One of the major obstacles for Treg-based therapy is the lack of reliable models to test the therapeutic effects of human Tregs in vivo. More recently, the in vivo function of the ex vivo–induced human CD4+ Tregs has been evaluated in immunodeficient mice (24, 25). However, the relevance of the results to human disease remains unclear because the immunodeficient mice do not contain a stable human immune system before the adoptive transfer of human Tregs. Here, by adoptive transfer of allogeneic hPBMCs into humanized mice with a stable reconstitution of human immune system (26), we establish a human allogeneic acute GVHD model in humanized mice. Similar to humans (28, 29), the acute GVHD is mediated mainly by donor CD3+ T cells and characterized by disease appearance (hunching, activity, ruffling, and diarrhea), recruitment of alloreactive cells in target organs, and dysregulation of proinflammatory chemokines and cytokines.
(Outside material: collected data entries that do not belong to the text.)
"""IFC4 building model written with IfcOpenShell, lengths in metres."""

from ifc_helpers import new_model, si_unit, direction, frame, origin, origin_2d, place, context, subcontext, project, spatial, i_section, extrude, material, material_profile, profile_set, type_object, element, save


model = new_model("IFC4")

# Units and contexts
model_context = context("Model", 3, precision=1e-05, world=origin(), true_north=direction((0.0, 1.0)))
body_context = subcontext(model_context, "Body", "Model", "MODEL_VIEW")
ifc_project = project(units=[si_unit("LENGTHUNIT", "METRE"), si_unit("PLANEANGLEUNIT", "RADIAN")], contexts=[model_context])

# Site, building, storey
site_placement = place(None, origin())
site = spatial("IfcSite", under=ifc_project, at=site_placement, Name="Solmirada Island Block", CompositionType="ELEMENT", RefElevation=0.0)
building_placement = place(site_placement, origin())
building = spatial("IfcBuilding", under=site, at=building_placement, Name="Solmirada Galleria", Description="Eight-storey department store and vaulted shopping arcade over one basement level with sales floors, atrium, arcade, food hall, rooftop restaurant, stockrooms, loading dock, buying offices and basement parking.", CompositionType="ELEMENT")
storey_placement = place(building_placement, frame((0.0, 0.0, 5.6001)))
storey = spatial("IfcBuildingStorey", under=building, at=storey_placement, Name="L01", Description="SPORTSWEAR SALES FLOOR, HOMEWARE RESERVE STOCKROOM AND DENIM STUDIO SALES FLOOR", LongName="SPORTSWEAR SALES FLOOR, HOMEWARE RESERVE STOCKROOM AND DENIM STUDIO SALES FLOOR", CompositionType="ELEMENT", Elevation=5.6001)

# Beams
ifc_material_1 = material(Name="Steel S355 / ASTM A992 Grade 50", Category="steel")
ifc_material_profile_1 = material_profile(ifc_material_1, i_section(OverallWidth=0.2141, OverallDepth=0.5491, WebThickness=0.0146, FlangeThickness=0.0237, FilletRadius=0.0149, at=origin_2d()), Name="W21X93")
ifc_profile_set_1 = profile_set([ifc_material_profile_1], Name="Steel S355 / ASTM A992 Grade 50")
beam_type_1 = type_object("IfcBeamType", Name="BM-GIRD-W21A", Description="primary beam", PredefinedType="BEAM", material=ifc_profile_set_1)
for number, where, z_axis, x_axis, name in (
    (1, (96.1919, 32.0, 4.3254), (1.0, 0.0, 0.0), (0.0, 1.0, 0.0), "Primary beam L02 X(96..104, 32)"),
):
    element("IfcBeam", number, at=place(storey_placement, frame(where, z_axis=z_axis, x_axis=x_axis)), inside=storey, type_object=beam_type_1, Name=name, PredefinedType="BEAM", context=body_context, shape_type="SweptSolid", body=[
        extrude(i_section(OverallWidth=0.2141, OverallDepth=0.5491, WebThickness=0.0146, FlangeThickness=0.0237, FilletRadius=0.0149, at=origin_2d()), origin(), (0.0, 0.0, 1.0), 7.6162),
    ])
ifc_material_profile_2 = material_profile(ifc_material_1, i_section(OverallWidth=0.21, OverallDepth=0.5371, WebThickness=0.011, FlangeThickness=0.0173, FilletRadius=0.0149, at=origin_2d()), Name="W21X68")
Using mouse-educated human CD3+ T cells, we further demonstrated that the acute GVHD is mediated mainly by human allogeneic responses but not by xenogeneic response. The human allogeneic GVHD model established here may provide a more relevant approach for studies of human immunopathogenesis and therapeutics for GVHD after BMT.

Different from other antigen-specific CD8+ Tregs, which are difficult to be expanded (1419), human CD8hi Tregs induced ex vivo by allogeneic hCD40-B cells have highly secondary proliferative capacity and, therefore, they are easy to be expanded in large scale (23). It is unnecessary to add any exogenous cytokines for inducing and expanding CD8hi Tregs because hCD40-B cells can secrete substantial amounts of IL-2 (20). This lack of requirement for exogenous cytokines could significantly reduce the cost for the generation of human CD8hi Tregs. In addition, these CD8hi Tregs not only express high levels of Foxp3 and CTLA-4 but also have higher levels of CD8 and CD25 expression on their surface compared to their precursors, thus making it easy to purify them from coculture.
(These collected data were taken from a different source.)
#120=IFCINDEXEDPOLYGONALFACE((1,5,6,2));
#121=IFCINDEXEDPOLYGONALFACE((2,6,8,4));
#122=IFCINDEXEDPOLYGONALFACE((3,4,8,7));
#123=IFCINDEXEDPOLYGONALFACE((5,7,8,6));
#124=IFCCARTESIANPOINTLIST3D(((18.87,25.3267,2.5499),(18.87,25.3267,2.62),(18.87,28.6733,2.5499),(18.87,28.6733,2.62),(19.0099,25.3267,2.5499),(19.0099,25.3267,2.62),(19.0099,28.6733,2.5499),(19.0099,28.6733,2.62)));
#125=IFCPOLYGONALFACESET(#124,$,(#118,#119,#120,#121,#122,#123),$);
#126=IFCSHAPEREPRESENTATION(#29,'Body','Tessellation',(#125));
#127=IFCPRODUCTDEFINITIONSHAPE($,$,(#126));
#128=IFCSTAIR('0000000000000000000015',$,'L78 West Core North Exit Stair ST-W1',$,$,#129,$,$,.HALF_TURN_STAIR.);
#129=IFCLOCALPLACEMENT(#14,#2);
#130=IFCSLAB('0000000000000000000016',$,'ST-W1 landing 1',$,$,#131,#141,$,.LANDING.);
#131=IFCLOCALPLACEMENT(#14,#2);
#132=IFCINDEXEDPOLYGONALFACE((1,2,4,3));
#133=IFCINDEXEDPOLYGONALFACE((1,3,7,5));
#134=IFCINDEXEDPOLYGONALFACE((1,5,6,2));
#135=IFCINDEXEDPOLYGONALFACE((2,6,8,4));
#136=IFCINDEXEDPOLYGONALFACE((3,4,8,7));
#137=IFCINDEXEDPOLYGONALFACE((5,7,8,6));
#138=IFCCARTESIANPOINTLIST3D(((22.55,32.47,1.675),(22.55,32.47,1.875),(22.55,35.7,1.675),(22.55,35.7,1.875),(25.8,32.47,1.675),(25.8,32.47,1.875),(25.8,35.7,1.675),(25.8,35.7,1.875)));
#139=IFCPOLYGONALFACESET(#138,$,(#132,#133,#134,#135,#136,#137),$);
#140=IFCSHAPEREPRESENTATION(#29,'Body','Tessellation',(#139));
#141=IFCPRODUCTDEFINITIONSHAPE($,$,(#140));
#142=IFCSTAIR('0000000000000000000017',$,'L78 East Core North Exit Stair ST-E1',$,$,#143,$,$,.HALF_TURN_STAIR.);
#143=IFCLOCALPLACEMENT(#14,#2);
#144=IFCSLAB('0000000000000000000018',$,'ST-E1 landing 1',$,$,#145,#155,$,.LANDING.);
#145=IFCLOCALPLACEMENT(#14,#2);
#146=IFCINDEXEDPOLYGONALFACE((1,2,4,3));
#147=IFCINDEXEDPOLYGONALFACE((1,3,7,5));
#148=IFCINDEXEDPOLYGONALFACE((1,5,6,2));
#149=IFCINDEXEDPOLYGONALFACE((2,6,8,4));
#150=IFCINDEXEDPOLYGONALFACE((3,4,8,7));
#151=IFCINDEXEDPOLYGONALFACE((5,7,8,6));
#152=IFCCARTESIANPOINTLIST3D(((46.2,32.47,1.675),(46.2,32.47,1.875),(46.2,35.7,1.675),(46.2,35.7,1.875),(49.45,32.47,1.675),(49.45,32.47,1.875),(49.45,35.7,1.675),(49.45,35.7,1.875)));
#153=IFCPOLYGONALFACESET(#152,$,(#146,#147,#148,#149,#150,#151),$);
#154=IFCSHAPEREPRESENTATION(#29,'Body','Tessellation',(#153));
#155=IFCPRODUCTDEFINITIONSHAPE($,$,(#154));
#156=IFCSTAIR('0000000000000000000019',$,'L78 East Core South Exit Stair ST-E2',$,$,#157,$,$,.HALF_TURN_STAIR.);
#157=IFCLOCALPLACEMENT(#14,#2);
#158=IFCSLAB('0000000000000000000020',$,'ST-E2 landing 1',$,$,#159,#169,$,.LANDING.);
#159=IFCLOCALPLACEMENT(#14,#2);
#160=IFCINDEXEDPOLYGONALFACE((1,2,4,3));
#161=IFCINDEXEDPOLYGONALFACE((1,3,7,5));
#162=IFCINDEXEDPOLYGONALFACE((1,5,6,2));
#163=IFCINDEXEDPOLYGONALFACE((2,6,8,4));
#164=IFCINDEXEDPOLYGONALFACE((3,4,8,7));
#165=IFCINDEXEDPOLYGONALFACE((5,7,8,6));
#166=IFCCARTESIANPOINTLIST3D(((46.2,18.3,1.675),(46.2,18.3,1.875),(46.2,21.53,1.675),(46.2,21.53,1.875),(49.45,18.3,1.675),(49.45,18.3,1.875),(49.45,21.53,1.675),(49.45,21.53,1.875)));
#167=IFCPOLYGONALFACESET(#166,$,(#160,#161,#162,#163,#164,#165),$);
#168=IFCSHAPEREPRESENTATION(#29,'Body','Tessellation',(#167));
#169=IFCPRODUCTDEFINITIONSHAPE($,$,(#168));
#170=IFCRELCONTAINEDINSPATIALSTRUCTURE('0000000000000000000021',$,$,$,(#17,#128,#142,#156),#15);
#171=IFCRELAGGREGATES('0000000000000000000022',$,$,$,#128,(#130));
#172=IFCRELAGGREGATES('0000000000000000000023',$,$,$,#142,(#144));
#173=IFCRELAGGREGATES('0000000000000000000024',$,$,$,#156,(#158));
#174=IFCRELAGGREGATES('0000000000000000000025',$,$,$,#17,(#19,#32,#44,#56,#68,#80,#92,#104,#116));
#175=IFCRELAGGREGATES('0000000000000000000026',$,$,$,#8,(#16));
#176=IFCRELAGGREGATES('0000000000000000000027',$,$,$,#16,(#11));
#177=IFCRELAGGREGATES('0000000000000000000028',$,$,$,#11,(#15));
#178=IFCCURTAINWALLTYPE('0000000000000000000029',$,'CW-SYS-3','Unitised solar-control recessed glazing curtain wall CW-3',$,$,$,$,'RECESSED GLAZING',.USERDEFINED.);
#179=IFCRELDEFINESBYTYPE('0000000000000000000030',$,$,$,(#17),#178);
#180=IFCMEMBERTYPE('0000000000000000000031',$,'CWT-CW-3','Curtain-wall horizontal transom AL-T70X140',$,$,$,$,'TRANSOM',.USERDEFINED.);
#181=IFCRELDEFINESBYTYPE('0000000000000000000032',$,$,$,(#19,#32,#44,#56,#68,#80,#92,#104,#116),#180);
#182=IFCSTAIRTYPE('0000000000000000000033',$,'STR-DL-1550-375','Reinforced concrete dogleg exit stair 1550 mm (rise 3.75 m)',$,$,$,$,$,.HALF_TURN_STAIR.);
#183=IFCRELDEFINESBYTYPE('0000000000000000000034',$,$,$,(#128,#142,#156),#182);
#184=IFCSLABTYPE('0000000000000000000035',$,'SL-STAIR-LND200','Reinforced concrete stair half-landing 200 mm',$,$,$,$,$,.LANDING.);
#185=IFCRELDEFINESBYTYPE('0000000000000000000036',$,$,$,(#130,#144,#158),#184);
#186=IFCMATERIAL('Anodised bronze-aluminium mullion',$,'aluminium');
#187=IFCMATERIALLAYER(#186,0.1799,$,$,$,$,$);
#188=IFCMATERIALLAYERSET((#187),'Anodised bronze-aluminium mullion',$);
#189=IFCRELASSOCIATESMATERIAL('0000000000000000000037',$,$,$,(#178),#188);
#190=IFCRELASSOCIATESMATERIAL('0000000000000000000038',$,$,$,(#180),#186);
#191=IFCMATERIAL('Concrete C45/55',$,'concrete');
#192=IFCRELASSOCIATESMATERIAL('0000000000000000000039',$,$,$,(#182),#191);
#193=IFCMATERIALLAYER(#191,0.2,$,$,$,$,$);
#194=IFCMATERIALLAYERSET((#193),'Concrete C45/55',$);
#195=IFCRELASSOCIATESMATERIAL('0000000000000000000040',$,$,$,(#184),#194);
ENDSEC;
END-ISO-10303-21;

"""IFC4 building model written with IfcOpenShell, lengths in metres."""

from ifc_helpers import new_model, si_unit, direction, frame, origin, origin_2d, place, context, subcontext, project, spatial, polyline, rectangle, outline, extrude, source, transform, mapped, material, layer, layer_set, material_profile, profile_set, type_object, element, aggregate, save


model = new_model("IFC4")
The importance of CD8+ Tregs in the induction of tolerance during transplantation has been confirmed recently in rodents. It has been shown that murine CD8+Foxp3+ Tregs were induced during GVHD after allogeneic BMT, and the induction of these Tregs was correlated positively with the protection of GVHD in mice (30, 31). In a heart transplant model, the accumulation of rat CD8+ Tregs in allograft was found to be associated with tolerance induction in allograft recipients (32). By adoptive transfer, the ex vivo–induced CD8+Foxp3+ Tregs prevented the skin allograft rejection in mice (13). Here, using human CD8hi Tregs induced by allogeneic hCD40-B cells ex vivo, we found that they can suppress the proliferation and inflammatory cytokine and chemokine secretion in alloreactive T cells in vitro. In the human allogeneic acute GVHD model, we further demonstrated that these ex vivo–induced human CD8hi Tregs can effectively control acute GVHD in an allospecific manner by reduction of alloreactive T cell proliferation and inflammatory cytokine and chemokine secretion in target organs.
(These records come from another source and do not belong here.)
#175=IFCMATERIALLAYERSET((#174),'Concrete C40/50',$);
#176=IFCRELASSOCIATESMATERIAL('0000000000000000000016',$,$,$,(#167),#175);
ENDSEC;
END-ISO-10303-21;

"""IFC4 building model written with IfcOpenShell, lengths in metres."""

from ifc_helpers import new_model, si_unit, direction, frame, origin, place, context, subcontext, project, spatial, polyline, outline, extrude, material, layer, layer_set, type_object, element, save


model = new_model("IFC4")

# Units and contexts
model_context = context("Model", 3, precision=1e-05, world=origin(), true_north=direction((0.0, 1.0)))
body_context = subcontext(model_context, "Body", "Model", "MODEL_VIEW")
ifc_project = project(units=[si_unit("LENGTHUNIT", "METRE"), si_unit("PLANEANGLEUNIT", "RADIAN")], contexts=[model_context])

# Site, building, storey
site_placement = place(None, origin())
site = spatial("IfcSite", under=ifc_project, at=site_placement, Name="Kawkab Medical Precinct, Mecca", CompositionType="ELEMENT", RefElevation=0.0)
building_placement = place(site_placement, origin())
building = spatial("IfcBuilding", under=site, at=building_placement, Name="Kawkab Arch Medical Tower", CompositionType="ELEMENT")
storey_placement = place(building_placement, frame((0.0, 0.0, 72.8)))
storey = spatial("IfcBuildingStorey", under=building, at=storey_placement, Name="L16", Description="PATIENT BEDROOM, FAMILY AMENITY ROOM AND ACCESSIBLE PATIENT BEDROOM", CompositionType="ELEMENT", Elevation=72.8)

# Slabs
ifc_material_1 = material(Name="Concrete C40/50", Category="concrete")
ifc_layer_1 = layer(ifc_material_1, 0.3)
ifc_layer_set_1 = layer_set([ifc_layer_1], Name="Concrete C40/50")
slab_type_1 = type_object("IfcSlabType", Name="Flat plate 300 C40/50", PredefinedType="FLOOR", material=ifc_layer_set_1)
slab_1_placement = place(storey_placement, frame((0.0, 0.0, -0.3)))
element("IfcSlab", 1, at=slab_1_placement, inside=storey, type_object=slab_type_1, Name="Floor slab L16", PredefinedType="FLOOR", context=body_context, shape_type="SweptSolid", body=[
The major challenge of allogeneic BMT is to maintain long-term tolerance to allograft without compromising both general immunity and GVT activity. Our results showed that a rapid immune reconstitution and a high donor chimerism were achieved in humanized mice after treatment with CD8hi Tregs. On day 100 after transplantation, more than 80% of reconstituted human cells in the peripheral blood, spleen, lung, liver, and gut were originated from donor cells. In addition, the alloantigen-specific tolerance can be maintained up to 100 days after CD8hi Treg treatment. Together, these results demonstrated that CD8hi Tregs induced a stable tolerance rather than simply eliminate responder cells. Furthermore, our data showed that CD8hi Treg treatment did not suppress the general immune function of cotransplanted conventional hPBMCs against foreign antigen as evidenced by normal antigen-specific CD4+ and CD8+ T cell responses and antibody production. Using a tumor-loaded humanized mouse model, we also demonstrated that the GVT activity is preserved after the long-term tolerance induced by CD8hi Tregs. Therefore, our study provided proof of concept of using ex vivo–induced human CD8hi Tregs to control GVHD while preserving both general immunity and GVT activity after BMT. We found that CD8hi Tregs have direct cytotoxic activity against tumor cells, whereas conventional CD4+CD25+ Tregs do not have such activity, suggesting that CD8hi Tregs may provide more advantage than CD4+CD25+ Tregs to control GVHD and avoid tumor relapse (33).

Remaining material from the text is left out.